En su etapa de formación, Picasso copia a los grandes maestros: tuvo incluso la intención de vivir en Madrid para poder visitar con frecuencia el Museo del Prado, cuando estaba interesado sobre todo por El Greco, con apenas tenía dieciocho años. Recién llegado a Barcelona, con su familia, también le atrajo la moda del japonismo, que hacía furor entonces: el detalle de la pequeña japonesa dibujada en un croquis que se conserva en el Museu Picasso de Barcelona muestra el interés que le despertaba Hokusai y el arte japonés, como se ve también en Mujer y pulpo, de 1903, con el animal acariciando el sexo femenino. Esa inclinación llegó lejos: incluso la célebre actriz japonesa Sada Yako le encargó un cartel, como documentaba, entre otros hallazgos, la exposición del Museu Picasso barcelonés, Imágenes secretas. Picasso y la estampa erótica japonesa, y le llevaría después a coleccionar los grabados shunga, tan peculiares y explícitos. En sus años de aprendizaje hace estudios como el de la Venus de Milo, de 1895-96. Después, continuará teniendo en la retina los kuros griegos, la estatuaria de Grecia y Roma, los frescos de Pompeya, Ingres, el barroco; y tendrá presentes los desnudos, las Gracias, las bañistas, mujeres de toda condición; El Greco, Gauguin, Puvis de Chavannes, Cézanne, Renoir. Su curiosidad es inagotable.

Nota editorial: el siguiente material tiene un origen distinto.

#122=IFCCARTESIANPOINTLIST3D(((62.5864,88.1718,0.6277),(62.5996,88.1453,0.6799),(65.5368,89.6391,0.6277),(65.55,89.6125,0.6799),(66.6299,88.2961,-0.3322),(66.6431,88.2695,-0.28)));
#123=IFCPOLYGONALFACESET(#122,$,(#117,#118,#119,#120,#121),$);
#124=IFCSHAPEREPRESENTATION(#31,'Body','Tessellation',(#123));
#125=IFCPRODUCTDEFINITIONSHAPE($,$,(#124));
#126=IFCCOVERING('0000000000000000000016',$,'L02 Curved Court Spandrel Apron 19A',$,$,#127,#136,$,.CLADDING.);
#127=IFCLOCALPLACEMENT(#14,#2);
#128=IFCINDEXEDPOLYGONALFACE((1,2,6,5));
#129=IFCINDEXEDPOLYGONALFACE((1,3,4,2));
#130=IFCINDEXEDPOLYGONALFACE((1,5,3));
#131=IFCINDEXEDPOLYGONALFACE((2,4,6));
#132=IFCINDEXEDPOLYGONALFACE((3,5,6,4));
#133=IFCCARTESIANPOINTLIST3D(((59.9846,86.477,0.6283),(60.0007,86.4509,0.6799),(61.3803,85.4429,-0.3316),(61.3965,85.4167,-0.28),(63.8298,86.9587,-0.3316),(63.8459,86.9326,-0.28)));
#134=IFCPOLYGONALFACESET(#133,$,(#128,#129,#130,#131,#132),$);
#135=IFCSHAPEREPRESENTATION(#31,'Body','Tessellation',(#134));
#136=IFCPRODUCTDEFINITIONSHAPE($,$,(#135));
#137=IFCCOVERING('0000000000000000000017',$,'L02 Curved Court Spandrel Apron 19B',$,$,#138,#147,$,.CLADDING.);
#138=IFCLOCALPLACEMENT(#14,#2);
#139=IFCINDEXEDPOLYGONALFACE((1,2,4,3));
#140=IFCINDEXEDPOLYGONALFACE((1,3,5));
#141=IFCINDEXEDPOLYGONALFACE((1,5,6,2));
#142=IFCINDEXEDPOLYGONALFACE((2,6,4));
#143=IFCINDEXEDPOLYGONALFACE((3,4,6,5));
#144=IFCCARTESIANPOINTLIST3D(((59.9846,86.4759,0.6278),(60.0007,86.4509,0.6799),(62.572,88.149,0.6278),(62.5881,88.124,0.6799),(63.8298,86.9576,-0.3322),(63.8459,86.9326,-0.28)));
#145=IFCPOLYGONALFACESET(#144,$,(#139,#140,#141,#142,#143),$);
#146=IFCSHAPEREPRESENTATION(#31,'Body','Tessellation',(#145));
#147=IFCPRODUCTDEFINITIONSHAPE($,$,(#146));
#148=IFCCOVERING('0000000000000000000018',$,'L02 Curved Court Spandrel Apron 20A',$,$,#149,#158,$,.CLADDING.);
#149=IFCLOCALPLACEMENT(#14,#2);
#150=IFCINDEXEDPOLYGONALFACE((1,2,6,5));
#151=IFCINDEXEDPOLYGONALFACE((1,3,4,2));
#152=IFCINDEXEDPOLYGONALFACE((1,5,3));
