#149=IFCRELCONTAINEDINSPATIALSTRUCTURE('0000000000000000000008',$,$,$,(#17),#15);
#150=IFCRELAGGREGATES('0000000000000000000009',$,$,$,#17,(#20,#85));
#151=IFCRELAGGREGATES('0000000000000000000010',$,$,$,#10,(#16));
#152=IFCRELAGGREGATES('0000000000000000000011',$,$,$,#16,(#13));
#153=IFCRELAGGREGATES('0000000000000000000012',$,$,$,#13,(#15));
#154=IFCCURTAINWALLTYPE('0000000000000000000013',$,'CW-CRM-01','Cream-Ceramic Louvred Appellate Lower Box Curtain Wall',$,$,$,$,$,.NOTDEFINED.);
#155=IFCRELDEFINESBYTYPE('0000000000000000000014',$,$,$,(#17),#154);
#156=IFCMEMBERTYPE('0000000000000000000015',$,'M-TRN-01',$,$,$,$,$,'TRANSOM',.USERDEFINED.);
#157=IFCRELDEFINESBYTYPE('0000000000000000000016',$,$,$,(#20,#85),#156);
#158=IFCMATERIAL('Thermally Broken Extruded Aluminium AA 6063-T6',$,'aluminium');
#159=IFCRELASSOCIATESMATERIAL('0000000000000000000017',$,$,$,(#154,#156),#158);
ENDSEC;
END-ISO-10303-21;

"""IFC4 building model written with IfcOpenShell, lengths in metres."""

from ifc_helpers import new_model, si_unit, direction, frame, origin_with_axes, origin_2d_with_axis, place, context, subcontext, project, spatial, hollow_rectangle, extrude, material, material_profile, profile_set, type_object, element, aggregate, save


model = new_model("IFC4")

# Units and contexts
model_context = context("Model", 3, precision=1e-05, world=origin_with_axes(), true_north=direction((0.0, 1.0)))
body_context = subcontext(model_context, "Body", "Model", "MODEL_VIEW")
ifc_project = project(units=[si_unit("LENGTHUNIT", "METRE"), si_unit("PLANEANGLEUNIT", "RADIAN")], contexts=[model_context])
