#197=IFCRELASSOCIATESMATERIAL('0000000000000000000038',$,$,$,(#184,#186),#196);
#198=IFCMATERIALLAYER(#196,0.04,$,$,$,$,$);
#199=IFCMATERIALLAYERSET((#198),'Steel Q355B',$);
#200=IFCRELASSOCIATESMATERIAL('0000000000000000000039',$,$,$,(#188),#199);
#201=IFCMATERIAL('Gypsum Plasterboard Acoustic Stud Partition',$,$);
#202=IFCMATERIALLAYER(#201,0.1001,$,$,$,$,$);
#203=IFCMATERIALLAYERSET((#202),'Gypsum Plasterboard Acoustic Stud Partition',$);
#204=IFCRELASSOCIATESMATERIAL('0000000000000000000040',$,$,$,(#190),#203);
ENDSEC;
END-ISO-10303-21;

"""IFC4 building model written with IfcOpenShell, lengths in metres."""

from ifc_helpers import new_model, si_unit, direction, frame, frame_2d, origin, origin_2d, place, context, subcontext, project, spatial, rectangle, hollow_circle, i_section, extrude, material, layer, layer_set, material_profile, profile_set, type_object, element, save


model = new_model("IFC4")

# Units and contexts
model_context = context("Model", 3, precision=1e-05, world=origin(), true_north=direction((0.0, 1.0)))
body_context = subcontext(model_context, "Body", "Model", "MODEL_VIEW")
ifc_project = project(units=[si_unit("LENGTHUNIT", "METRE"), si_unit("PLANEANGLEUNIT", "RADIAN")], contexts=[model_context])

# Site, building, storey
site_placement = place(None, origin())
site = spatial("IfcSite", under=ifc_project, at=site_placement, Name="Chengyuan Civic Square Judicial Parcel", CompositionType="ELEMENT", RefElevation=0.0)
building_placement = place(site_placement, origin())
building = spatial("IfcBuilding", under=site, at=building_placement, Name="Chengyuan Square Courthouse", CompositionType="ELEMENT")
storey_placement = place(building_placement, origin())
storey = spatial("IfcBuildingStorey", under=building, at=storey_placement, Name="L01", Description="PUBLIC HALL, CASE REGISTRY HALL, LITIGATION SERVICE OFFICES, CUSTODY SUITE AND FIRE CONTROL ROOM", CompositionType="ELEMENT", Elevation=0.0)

El Saint Martin et le Mendiant, de El Greco, confrontado con Muchacho conduciendo un caballo, de Picasso, de 1905-06, dialoga en un silencio incierto y, al tiempo, deslumbrante. El pintor vivía entonces en el Bateau-Lavoir, en una etapa de estrecheces y miseria, también de camaradería y felicidad, hasta que se traslada al boulevard de Clichy, en 1909. Otros dos autorretratos de 1901, pintados por Picasso, merecen atención; en uno, está con camisa blanca y chalina; en el otro, lo vemos mirando de frente, oscuro, joven, infatigable. Esas pinturas están relacionadas con el cuadro de Rembrandt, Rembrandt au chevalet, de 1660, y con el lienzo de Gauguin, Portrait de Gauguin à la palette, de 1893-94. El Autorretrato de Goya, de 1783, gordo, mirando en escorzo, habla con el de Picasso, Autoportrait à la palette, de 1906, donde lo vemos con camisa blanca, mostrando esos ojos que anuncian ya los de Las señoritas de Avinyó. Y el cuadro de Cézanne, Retrato del artista, de 1873-76, barbudo, desgreñado, con mirada inquisitiva, en quien se habría inspirado el pintor español, con Las grandes bañistas, para realizar la célebre pintura de las prostitutas de la calle Avinyó. Y, también, con el Retrato del artista, de Poussin, atildado, con un gesto femenino, y ataviado con una prenda sobre los hombros: un pintor que influyó sobre David y Cézanne, y cuya traza llegó también a Picasso.

Dos desnudos llamaban la atención. Gósol, de 1906; y Los adolescentes, del mismo año, con un radical color rosado que domina los dos cuadros. Junto a ellos, Femme nue debout, de Cézanne, 1898-99, que tiene los brazos levantados y muestra su desnudez. Una pintura realizada medio siglo después, Femmes a la toilette, de 1956, se relaciona con Jeunes filles au bord de la mer, de 1879, de Puvis de Chavannes. También, con el impresionismo. La Coiffure, de Renoir, de 1900-01, donde vemos a una mujer que peina a otra que permanece sentada, desnuda, y que se detienen con levedad y respeto en la obra de Picasso Paris au Gósol, 1906, donde éste incorpora un niño y dispone vestida a la mujer a quien peinan, y mirándose en un espejo de mano.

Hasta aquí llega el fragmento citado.